EndoPredict assays (Myriad International GmbH, Cologne, Germany) were performed on FFPE tissue samples of primary breast tumours in the Institute of Pathology at Klinikum rechts der Isar, Technical University Munich, according to the manufacturer’s instructions as described previously [8]. The validated cut-off value of 3.3 for the EPclin score was used for risk discrimination. Patients with an estimated risk of distant recurrence of more or equal to 10% at 10 years were categorized as high risk.

Statistics

The distribution of quantitative data is described by median (range).
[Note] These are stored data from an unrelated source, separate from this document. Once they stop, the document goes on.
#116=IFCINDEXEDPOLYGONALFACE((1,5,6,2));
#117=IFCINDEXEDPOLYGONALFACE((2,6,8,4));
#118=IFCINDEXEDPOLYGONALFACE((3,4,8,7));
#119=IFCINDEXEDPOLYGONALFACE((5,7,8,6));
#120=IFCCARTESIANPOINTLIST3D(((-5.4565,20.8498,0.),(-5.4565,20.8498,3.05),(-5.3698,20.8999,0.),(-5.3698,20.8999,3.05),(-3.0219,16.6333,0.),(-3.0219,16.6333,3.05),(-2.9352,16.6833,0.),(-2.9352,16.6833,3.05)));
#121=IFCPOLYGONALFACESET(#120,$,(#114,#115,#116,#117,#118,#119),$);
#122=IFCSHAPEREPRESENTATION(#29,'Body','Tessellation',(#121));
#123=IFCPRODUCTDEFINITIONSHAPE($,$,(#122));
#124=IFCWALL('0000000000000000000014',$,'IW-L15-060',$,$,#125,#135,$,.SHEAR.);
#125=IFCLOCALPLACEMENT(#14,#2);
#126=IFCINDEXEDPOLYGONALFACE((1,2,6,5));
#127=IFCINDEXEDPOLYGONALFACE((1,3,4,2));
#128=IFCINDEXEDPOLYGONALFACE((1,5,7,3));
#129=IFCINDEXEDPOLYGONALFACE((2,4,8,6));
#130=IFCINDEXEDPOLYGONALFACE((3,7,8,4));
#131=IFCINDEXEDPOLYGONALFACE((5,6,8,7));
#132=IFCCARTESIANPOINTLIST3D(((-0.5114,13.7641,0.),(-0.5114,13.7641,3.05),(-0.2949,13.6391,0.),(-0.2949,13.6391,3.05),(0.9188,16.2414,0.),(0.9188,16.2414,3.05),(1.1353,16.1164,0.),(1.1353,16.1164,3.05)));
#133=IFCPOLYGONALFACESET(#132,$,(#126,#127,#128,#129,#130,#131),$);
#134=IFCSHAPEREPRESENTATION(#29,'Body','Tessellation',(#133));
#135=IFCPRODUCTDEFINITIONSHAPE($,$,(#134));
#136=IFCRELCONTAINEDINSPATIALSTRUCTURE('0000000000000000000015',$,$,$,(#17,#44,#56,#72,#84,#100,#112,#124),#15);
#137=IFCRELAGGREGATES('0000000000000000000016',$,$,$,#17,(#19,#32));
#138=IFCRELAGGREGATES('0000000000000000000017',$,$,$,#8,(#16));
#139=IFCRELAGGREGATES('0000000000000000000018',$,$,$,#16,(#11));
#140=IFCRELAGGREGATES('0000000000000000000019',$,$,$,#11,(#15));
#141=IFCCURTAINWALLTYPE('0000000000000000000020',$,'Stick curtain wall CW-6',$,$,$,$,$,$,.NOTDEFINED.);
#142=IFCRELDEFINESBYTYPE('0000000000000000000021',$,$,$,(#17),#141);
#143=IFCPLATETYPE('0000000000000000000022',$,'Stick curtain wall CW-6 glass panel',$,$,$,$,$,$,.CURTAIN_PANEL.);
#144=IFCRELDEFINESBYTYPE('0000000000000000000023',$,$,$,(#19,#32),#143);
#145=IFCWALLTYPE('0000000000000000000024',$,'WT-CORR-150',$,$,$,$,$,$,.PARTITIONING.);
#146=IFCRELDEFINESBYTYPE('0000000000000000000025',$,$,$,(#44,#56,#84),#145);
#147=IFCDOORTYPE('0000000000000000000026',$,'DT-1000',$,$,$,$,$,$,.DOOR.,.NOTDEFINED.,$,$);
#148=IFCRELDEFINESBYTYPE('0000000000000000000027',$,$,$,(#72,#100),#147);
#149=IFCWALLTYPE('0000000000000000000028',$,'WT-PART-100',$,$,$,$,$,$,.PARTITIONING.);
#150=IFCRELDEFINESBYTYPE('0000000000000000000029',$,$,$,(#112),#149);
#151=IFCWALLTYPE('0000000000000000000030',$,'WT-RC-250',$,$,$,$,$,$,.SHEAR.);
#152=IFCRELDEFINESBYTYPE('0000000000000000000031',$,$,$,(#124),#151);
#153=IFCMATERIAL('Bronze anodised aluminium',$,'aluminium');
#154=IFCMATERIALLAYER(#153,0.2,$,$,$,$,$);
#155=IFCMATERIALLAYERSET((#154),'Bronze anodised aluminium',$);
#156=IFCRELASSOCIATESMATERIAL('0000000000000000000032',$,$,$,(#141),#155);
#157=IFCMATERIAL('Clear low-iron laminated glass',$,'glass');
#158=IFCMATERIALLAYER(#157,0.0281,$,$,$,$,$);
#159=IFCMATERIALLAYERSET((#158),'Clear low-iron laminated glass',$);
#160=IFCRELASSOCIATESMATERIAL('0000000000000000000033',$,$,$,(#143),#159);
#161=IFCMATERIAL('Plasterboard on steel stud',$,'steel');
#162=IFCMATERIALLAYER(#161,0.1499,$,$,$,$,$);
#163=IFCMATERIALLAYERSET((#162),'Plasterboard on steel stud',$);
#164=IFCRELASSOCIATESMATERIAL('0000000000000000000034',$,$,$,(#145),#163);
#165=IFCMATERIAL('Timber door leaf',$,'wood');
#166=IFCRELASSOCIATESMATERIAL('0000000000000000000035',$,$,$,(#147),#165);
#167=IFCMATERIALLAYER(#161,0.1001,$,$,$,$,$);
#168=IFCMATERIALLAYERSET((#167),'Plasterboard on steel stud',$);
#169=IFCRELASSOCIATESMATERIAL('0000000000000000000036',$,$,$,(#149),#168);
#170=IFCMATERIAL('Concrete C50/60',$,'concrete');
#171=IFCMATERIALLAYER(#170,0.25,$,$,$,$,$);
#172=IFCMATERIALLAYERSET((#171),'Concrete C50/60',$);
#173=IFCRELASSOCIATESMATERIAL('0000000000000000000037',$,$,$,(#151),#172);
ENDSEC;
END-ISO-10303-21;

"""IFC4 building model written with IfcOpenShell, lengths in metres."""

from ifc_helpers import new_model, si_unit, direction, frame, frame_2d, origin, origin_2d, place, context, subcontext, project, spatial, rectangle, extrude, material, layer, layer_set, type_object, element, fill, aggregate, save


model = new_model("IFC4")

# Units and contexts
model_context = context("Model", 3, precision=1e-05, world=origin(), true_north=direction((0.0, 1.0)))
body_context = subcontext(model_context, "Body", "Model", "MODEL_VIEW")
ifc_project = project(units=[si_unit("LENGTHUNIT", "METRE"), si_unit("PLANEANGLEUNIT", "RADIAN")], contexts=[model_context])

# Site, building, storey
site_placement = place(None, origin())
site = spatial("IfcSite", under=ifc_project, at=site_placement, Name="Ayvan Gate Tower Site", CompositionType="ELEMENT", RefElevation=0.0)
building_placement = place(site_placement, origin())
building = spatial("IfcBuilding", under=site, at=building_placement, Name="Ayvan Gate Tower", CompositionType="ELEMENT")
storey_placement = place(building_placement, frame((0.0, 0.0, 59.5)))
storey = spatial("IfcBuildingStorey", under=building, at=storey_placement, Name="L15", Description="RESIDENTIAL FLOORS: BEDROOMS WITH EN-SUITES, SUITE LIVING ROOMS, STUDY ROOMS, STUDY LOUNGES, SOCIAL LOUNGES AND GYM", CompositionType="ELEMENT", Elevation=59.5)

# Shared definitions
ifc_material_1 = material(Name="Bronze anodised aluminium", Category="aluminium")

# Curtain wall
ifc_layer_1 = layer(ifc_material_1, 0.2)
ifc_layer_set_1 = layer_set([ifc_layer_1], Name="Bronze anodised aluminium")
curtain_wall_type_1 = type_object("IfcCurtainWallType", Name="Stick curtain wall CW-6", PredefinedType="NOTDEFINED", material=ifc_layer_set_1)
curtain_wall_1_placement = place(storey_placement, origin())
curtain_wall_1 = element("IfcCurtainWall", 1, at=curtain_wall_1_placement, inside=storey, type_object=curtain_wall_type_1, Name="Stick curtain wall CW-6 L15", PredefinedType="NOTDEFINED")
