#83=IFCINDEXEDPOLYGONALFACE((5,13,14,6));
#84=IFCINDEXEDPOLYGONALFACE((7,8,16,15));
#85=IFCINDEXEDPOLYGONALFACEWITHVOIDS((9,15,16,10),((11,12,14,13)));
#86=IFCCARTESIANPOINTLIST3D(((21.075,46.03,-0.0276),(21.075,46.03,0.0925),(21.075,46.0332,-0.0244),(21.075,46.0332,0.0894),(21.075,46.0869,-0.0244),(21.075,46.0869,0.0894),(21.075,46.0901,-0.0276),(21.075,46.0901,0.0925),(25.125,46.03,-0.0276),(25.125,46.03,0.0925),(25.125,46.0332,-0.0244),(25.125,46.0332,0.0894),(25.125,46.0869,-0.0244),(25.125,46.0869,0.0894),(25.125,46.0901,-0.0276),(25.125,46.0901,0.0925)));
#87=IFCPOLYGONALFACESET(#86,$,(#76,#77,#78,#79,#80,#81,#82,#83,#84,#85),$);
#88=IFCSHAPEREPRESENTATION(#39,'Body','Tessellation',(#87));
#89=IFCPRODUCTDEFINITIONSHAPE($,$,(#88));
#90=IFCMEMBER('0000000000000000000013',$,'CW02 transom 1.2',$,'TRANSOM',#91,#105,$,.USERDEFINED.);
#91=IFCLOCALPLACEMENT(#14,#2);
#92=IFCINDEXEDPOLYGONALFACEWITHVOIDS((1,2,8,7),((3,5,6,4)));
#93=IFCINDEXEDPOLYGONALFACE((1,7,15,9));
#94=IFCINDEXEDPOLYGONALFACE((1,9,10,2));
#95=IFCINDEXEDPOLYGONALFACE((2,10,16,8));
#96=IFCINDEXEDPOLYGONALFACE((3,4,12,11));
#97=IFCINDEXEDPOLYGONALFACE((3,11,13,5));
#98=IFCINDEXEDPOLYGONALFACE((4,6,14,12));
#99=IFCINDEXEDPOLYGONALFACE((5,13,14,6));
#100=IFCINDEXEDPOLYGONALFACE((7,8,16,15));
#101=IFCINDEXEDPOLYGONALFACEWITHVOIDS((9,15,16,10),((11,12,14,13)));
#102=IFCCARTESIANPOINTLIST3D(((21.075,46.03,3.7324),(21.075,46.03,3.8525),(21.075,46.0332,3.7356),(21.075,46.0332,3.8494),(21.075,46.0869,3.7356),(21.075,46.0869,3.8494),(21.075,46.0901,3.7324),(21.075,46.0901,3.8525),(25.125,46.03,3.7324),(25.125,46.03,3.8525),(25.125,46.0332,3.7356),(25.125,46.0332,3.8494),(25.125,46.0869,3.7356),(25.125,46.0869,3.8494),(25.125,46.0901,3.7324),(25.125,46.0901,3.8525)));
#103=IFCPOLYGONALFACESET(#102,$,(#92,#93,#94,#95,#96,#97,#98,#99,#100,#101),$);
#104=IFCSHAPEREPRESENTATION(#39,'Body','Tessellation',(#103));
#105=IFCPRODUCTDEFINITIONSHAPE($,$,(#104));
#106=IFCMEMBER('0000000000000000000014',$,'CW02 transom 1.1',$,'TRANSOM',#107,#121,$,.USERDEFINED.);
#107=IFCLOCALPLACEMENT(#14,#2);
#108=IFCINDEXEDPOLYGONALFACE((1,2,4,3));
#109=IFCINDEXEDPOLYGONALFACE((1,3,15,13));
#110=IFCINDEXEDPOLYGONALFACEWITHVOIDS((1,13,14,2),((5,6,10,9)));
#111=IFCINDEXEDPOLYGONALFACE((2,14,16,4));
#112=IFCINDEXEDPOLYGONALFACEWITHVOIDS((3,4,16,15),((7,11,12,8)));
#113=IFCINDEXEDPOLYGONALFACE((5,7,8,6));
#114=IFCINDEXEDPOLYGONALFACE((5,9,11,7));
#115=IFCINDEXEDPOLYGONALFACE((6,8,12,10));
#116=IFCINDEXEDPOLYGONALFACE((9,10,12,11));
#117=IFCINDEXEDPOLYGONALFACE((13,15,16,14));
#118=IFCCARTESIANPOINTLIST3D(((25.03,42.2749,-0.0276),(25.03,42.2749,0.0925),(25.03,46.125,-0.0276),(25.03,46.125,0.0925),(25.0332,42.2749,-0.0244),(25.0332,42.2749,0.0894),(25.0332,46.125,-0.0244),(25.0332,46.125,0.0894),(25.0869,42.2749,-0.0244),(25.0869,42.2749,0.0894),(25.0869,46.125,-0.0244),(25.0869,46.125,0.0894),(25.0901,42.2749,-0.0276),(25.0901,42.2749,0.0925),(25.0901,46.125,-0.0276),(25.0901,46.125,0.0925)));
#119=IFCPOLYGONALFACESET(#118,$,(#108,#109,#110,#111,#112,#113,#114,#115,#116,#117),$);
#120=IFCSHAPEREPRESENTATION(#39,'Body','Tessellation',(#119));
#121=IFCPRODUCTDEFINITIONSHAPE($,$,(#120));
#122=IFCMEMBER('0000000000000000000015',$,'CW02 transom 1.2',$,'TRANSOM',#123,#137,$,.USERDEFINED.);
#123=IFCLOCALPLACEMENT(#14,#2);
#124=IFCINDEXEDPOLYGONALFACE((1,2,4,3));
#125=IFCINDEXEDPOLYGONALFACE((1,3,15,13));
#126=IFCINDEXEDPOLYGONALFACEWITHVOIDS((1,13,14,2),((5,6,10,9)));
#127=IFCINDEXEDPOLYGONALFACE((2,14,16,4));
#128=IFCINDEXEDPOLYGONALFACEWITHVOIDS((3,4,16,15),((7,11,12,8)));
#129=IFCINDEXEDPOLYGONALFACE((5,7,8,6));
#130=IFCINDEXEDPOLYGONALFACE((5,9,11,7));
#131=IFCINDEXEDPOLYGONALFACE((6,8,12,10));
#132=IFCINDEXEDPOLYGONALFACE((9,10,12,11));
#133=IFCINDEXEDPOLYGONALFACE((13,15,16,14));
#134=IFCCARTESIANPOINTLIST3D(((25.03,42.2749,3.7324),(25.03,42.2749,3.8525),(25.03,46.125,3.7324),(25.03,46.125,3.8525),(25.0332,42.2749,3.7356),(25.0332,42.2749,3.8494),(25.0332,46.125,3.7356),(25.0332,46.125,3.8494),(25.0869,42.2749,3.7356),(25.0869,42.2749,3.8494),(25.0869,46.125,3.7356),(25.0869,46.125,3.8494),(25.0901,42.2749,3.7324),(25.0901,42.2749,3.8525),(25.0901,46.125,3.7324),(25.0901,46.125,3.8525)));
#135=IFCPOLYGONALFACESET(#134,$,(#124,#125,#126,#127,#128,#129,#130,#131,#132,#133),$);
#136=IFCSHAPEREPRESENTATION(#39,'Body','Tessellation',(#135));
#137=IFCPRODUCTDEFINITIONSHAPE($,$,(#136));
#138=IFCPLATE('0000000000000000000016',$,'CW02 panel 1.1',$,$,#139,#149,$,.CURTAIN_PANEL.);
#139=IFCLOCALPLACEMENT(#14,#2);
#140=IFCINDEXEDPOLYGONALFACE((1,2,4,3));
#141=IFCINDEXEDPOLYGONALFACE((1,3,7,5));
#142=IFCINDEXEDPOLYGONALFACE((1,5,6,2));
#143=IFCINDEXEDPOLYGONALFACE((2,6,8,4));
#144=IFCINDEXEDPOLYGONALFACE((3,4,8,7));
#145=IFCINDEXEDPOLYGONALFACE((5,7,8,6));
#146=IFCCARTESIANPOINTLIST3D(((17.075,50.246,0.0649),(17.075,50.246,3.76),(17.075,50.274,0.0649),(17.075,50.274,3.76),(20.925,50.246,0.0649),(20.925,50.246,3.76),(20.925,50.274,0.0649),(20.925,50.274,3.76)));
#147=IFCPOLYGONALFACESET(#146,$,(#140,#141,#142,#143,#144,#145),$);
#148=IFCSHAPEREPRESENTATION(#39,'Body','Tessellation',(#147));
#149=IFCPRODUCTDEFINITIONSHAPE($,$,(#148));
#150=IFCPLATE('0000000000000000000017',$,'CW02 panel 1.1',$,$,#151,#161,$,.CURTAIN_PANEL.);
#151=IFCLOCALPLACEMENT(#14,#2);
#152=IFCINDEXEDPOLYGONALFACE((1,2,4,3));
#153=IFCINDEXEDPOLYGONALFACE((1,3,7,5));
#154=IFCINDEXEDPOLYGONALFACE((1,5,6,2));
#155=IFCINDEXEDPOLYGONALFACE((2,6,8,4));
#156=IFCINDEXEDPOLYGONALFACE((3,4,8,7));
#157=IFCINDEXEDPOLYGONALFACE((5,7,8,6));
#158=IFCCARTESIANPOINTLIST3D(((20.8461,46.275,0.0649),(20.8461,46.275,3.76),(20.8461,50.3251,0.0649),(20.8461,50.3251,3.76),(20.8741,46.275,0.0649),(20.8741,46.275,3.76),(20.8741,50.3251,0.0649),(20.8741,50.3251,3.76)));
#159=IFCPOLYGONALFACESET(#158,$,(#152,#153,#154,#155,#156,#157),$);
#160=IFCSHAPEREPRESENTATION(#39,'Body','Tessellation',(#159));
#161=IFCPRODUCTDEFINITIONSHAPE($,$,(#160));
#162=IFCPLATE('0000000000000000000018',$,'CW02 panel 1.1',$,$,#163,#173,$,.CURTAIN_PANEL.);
Qualitative data are presented by absolute and relative frequencies. Survival analysis is reported using 3-year disease-free survival (DFS) as the primary time to event endpoint. A DFS-event was defined as any recurrence (local, locoregional or distant) or death (with or without recurrence). Distant metastasis-free survival (DMFS) was defined as survival without any distant recurrence. Censored time-to-event outcomes were analyzed by Cox proportional hazards models. Additional estimates of the event-free survival were given by the Kaplan–Meier method. Hypothesis testing was conducted on two-sided exploratory 5% significance levels. Analyses were performed with R 3.6.1 (The R Foundation for Statistical Computing, Vienna, Austria).

Results

Study population

A total of 373 patients were enrolled. The median age of the patients was 59.9 (range 29.1–88.9) years. Detailed tumor characteristics are listed in Table 1. Within the 90 patients, whose nodal status was pN1(1–3), 22 (24%) were tested as EPclin low and 68 (76%) as EPclin high.

Table 1.

Tumor characteristics

Characteristic	n (%)	EPclin low, n (%)	EPclin high, n (%)
Tumor size
pT1a	20 (5.4)	18 (4.8)	2 (0.6)
pT1b	64 (17.2)	55 (14.7)	9 (2.5)
pT1c	146 (39.1)	106 (28.4)	40 (10.7)
pT2	131 (35.1)	54 (14.5)	77 (20.6)
pT3	12 (3.2)	5 (1.3)	7 (1.9)
Tumor subtype
Ductal	264 (70.8)	161 (43.2)	103 (27.6)
Lobular	70 (18.8)	48 (12.9)	22 (5.9)
Ductulo–lobular	19 (5.1)	15 (4.0)	4 (1.1)
Others	20 (5.3)	14 (3.8)	6 (1.6)
Grading
G1	70 (18.8)	60 (16.1)	10 (2.7)
G2	240 (64.3)	161 (43.2)	79 (21.1)
G3	63 (16.9)	17 (4.6)	46 (12.3)
Nodal status
pN0	283 (75.9)	216 (57.9)	67 (18.0)
pN + (1–3)	90 (24.1)	22 (5.9)	68 (18.2)
PR status
≥ 20%	301 (80.7)	209 (56.0)	92 (24.7)
< 20%	72 (19.3)	29 (7.8)	43 (11.5)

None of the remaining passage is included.